If you already have some representative data in your table, you can estimate the amount of extra space you will need by comparing the space physically used (all_tables.blocks*block_size after having gathered statistics) to the average row length.
By the way Oracle can easily give you a good estimate of the average row length: gather statistics on the table and query all_tables.avg_row_len.
2) Most of the time (read: unless there is a bug or you fall into an atypical use of the index), the index will grow proportionaly to the number of rows.
If you have representative data, you can have a good estimation of its future size by multiplying its actual size by the relative growth of the number of rows.
The last time Oracle published their formulae for estimating the size of schema objects was in Oracle 8.0, which means the linked document is ten years out of date. However, I don't expect very much has changed in how Oracle reserves segment header, block header, or row header information.
How can I work out the maximum row size in a table, if I'm only given the datatype lengths (from all_tab_cols.data_length column) of the columns in the table (i.e. no statistics or ANALYZE)? There's extra complications in that this is an IOT, so there's index tree size to consider as well.

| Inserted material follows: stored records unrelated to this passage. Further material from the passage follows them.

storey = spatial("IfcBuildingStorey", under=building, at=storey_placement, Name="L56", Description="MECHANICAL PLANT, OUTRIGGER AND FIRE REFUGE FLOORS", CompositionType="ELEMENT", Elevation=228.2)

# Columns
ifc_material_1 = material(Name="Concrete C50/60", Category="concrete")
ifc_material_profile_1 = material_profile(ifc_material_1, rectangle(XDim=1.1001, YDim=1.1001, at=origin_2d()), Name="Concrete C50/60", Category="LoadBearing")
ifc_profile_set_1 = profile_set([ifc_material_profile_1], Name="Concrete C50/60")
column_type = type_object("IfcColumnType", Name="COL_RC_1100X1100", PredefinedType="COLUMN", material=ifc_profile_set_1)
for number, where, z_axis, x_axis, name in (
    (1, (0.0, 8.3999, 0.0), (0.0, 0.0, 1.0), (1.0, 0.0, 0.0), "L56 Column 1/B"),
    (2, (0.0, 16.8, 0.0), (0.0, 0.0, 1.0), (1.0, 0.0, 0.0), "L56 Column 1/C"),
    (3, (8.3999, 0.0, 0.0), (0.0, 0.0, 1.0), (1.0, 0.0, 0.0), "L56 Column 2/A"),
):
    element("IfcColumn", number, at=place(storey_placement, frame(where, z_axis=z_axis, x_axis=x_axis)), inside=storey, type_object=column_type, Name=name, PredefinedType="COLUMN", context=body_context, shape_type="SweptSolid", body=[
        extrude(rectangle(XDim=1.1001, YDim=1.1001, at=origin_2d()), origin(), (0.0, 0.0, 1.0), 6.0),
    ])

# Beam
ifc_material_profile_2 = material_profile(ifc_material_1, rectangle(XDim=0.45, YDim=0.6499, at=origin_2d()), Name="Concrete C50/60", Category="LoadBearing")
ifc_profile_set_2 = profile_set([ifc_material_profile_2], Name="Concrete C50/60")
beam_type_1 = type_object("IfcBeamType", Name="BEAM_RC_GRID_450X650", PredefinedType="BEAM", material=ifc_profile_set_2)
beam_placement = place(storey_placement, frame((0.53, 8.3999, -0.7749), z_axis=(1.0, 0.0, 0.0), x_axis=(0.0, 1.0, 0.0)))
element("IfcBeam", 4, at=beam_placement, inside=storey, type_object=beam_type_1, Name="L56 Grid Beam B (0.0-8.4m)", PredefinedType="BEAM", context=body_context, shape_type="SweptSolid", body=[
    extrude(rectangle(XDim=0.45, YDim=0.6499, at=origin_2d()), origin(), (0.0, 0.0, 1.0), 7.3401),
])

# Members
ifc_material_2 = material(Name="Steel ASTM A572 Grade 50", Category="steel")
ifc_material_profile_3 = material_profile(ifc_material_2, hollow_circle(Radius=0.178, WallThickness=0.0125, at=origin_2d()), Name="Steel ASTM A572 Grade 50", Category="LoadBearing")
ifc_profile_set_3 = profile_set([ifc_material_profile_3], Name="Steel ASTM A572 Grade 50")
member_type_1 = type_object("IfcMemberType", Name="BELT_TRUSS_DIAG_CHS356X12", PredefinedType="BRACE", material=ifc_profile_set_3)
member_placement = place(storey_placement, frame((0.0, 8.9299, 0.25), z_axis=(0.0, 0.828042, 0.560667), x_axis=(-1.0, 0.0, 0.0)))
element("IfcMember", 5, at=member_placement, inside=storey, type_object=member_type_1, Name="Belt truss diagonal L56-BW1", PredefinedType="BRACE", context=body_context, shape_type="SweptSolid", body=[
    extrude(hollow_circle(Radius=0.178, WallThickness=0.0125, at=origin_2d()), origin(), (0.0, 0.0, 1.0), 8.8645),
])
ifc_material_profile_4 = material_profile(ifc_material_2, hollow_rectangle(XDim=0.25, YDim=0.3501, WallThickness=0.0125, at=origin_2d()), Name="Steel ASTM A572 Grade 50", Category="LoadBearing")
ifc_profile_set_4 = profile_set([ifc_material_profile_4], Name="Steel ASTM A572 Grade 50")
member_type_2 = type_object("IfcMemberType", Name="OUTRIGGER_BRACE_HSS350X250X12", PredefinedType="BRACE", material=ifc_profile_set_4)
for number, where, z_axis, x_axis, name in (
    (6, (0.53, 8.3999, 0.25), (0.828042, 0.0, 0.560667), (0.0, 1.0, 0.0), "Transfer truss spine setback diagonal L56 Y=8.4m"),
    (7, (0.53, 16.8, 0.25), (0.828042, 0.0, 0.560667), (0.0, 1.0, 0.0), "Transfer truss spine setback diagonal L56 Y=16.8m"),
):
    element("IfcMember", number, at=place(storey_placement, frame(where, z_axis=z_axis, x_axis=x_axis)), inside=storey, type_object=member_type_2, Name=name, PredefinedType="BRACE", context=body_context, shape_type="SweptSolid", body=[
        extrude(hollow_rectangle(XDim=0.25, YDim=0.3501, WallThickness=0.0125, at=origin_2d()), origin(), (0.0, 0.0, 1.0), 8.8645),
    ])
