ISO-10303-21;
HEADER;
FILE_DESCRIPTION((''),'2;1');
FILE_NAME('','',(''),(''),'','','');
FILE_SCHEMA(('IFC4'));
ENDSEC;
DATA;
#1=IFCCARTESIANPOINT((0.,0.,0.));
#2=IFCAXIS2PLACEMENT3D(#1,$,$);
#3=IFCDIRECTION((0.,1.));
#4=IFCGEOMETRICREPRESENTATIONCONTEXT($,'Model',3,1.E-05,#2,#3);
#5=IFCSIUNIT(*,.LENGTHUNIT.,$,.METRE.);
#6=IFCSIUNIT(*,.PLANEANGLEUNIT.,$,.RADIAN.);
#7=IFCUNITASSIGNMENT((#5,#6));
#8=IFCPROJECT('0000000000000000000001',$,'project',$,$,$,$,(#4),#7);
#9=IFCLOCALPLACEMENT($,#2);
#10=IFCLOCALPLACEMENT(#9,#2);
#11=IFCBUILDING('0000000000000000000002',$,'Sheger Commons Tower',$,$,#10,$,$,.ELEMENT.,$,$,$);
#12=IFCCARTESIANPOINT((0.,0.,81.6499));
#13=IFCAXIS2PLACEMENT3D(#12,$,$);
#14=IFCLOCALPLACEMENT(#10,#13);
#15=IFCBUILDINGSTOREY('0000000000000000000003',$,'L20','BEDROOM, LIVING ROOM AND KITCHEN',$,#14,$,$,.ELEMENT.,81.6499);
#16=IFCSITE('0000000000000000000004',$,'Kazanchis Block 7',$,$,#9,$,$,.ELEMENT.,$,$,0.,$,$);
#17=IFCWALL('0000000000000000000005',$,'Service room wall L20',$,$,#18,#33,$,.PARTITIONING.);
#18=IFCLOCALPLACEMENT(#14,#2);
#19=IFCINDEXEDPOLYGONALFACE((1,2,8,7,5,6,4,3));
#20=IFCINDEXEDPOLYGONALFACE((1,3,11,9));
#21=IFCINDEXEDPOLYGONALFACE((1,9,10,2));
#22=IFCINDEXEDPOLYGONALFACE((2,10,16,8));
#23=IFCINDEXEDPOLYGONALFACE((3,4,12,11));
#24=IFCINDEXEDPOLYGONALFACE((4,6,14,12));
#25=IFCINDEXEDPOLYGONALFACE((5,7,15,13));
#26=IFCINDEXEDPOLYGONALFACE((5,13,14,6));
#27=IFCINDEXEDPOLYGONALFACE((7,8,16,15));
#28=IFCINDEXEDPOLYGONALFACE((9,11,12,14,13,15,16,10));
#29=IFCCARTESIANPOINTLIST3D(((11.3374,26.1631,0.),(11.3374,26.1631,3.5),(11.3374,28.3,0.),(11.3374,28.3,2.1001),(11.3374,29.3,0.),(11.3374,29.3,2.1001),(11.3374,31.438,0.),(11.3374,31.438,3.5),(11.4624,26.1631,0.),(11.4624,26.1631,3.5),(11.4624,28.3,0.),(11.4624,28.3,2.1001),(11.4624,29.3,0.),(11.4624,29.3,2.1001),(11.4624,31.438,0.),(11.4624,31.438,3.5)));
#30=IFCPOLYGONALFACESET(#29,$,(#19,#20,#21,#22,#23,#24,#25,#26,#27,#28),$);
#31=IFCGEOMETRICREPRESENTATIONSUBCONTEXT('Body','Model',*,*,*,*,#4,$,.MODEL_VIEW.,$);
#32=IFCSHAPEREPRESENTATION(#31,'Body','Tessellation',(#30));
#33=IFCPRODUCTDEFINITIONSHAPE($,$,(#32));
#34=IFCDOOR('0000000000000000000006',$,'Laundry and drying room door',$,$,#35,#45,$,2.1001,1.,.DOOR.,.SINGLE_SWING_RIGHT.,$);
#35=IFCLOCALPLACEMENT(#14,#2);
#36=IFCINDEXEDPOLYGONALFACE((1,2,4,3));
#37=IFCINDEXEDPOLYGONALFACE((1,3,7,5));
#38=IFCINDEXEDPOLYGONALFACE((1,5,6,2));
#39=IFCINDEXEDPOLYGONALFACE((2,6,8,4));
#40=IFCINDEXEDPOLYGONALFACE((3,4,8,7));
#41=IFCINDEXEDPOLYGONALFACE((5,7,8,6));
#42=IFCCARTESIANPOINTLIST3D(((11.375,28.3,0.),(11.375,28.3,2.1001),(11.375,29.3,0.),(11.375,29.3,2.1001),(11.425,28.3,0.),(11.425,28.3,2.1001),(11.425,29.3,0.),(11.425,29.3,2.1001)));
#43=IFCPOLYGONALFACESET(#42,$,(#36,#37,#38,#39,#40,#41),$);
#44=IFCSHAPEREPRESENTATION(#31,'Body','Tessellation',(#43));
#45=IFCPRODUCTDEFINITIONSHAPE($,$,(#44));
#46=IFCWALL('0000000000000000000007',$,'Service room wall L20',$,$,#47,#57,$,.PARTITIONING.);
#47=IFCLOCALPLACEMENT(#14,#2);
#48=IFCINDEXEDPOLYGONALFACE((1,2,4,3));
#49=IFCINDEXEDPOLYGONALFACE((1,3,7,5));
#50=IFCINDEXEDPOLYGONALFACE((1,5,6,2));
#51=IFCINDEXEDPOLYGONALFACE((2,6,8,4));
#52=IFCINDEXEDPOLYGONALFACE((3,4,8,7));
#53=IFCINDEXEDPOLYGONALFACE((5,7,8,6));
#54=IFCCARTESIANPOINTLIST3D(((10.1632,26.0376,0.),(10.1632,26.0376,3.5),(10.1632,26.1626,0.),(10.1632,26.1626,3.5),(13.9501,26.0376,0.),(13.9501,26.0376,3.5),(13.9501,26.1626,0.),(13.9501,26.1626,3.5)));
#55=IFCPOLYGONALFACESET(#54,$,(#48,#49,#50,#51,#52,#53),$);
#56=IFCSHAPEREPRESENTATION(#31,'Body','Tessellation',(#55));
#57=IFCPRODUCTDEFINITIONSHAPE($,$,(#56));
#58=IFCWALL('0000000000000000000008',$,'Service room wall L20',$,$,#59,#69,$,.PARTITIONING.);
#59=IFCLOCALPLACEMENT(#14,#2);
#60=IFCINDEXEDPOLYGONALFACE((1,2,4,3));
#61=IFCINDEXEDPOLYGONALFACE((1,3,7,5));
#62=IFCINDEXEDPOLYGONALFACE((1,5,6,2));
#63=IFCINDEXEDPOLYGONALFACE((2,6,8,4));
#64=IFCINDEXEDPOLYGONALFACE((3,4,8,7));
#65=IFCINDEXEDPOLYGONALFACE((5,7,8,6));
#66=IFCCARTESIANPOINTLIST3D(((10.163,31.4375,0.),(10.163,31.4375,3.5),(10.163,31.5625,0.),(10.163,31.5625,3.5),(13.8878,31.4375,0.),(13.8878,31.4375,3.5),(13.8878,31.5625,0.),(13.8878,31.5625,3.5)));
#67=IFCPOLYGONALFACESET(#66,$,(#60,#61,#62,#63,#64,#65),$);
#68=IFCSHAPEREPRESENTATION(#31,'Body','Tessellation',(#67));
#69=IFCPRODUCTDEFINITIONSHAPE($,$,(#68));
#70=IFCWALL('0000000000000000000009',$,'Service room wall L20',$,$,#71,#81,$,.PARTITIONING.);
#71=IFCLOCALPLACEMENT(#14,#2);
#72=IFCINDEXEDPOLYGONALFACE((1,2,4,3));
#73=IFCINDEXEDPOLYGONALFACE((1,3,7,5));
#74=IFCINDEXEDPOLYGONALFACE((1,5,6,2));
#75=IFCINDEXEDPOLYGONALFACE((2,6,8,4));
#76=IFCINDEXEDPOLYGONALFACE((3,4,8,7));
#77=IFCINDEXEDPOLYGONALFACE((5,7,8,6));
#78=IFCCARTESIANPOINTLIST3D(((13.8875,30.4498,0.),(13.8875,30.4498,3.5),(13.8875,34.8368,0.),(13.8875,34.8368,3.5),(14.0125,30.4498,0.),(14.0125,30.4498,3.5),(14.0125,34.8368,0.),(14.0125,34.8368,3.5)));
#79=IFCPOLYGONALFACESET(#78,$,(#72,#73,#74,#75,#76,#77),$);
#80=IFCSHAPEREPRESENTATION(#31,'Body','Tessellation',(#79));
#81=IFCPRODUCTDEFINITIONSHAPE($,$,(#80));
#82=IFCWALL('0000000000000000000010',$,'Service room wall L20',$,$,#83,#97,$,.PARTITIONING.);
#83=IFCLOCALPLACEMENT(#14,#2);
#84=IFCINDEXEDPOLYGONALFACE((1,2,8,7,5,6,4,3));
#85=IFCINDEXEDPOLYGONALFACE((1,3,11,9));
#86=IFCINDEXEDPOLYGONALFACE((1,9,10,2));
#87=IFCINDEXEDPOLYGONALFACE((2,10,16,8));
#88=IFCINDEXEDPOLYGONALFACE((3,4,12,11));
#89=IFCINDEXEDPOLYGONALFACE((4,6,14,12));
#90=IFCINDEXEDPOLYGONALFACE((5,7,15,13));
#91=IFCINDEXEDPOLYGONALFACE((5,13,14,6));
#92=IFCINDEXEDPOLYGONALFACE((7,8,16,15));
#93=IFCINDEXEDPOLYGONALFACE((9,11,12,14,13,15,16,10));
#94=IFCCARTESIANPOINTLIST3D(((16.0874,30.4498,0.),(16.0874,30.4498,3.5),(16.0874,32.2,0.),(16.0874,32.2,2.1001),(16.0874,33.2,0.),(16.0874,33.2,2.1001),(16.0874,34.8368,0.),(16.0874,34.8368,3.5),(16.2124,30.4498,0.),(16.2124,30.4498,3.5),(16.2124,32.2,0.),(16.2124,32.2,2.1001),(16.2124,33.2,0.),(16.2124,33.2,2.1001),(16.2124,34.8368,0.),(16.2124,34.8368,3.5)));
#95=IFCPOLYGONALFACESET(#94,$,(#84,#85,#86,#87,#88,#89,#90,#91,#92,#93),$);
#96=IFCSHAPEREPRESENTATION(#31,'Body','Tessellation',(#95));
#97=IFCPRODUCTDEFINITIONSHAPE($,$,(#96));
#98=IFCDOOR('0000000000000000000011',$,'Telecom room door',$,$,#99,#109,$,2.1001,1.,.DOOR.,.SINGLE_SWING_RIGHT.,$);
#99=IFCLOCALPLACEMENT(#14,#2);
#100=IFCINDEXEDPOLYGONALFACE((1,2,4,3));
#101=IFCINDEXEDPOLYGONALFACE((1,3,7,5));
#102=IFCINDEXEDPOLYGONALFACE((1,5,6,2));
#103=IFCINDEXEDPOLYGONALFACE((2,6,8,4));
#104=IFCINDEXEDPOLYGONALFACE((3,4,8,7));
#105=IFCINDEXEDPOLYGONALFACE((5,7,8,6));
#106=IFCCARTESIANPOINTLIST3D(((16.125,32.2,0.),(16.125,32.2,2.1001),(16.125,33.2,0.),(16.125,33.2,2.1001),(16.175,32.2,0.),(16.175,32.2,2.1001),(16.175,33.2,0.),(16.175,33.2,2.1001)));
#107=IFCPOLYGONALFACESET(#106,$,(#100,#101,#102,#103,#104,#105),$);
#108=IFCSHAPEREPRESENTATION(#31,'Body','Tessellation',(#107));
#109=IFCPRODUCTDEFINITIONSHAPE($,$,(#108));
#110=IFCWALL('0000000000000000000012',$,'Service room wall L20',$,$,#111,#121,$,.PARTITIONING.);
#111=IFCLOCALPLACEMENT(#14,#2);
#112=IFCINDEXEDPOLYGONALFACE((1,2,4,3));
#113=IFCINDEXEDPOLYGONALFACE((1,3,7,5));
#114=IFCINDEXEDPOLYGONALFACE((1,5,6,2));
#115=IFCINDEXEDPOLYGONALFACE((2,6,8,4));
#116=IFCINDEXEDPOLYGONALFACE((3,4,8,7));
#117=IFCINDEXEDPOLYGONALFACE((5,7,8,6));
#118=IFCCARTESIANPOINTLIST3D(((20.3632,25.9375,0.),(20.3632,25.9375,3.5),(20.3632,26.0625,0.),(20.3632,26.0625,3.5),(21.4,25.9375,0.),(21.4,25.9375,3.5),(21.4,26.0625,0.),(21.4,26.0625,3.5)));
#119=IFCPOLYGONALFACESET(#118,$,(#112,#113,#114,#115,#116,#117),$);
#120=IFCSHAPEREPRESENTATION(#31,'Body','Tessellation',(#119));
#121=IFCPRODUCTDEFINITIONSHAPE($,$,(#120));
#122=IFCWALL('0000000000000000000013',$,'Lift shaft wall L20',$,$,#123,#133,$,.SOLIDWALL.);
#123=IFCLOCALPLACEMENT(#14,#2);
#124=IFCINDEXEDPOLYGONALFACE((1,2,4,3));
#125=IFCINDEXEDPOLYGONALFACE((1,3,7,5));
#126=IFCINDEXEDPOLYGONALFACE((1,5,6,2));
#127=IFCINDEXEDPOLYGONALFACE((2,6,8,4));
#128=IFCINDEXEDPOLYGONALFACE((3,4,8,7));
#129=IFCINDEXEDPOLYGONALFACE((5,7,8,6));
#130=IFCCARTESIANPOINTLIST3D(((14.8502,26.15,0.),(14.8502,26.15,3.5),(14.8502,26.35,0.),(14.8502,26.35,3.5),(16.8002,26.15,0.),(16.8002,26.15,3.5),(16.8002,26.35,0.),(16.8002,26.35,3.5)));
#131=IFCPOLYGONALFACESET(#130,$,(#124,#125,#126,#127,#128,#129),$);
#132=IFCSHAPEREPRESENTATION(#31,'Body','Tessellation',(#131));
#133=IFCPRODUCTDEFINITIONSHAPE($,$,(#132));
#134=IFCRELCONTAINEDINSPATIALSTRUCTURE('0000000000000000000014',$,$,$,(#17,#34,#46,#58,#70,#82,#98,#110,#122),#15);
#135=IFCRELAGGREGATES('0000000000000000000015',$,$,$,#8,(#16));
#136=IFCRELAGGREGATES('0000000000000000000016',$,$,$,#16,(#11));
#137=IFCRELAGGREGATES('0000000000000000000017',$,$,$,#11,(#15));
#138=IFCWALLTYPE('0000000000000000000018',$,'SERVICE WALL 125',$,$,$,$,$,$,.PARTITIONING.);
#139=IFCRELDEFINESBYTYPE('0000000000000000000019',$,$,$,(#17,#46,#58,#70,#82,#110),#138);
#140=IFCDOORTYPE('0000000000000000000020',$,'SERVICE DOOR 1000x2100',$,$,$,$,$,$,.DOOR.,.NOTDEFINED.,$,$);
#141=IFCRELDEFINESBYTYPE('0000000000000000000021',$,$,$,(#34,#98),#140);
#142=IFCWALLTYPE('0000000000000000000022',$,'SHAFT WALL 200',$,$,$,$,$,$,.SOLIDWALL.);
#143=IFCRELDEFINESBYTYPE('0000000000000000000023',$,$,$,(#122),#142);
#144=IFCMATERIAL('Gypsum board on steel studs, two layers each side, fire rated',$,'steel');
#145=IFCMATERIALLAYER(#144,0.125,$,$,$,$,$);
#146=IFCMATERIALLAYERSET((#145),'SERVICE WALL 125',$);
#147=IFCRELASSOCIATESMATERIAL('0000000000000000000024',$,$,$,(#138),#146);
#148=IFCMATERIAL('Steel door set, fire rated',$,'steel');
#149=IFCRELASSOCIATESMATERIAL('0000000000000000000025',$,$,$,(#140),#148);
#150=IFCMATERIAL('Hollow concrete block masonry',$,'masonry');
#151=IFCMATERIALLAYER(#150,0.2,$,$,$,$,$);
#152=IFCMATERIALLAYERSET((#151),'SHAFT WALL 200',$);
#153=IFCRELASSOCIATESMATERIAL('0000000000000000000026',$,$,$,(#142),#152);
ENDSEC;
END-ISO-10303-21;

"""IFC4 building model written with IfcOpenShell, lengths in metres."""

from ifc_helpers import new_model, si_unit, direction, frame, frame_2d, origin, place, context, subcontext, project, spatial, rectangle, extrude, material, layer, layer_set, type_object, element, fill, save


model = new_model("IFC4")

# Units and contexts
model_context = context("Model", 3, precision=1e-05, world=origin(), true_north=direction((0.0, 1.0)))
body_context = subcontext(model_context, "Body", "Model", "MODEL_VIEW")
ifc_project = project(units=[si_unit("LENGTHUNIT", "METRE"), si_unit("PLANEANGLEUNIT", "RADIAN")], contexts=[model_context])

# Site, building, storey
site_placement = place(None, origin())
site = spatial("IfcSite", under=ifc_project, at=site_placement, Name="Kazanchis Block 7", CompositionType="ELEMENT", RefElevation=0.0)
building_placement = place(site_placement, origin())
building = spatial("IfcBuilding", under=site, at=building_placement, Name="Sheger Commons Tower", CompositionType="ELEMENT")
storey_placement = place(building_placement, frame((0.0, 0.0, 81.6499)))
storey = spatial("IfcBuildingStorey", under=building, at=storey_placement, Name="L20", Description="BEDROOM, LIVING ROOM AND KITCHEN", CompositionType="ELEMENT", Elevation=81.6499)

# Wall, opening, door
ifc_material_1 = material(Name="Gypsum board on steel studs, two layers each side, fire rated", Category="steel")
ifc_layer_1 = layer(ifc_material_1, 0.125)
ifc_layer_set_1 = layer_set([ifc_layer_1], Name="SERVICE WALL 125")
wall_type_1 = type_object("IfcWallType", Name="SERVICE WALL 125", PredefinedType="PARTITIONING", material=ifc_layer_set_1)
ifc_material_2 = material(Name="Steel door set, fire rated", Category="steel")
door_type_1 = type_object("IfcDoorType", Name="SERVICE DOOR 1000x2100", OperationType="NOTDEFINED", PredefinedType="DOOR", material=ifc_material_2)
wall_1_placement = place(storey_placement, frame((11.3999, 26.1631, 0.0), z_axis=(0.0, 0.0, 1.0), x_axis=(0.0, 1.0, 0.0)))
wall_1 = element("IfcWall", 1, at=wall_1_placement, inside=storey, type_object=wall_type_1, Name="Service room wall L20", PredefinedType="PARTITIONING", context=body_context, shape_type="SweptSolid", body=[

The formulas sizing indexes are involved -- they're generally focused on calculating rows per block to determine actual disk space required for N rows -- and the last time I can find that Oracle included this in their documentation was in Oracle 8.0. See here.
I'd recreate the table, generate some data with a Data Generator and actually measure it.
I generally wouldn't go further than 10s of MB of generated data as sufficient for a guide.
In some places, they tend to generate over-generous data length (eg standardizing on string sizes of 20, 50, 100 bytes/characters). Even on names you may allow 30 characters when most people are in the 5-10 length. As such estimates derived from field sizes, rather than actual lengths, will be VERY vague and you'll have a very large error margin.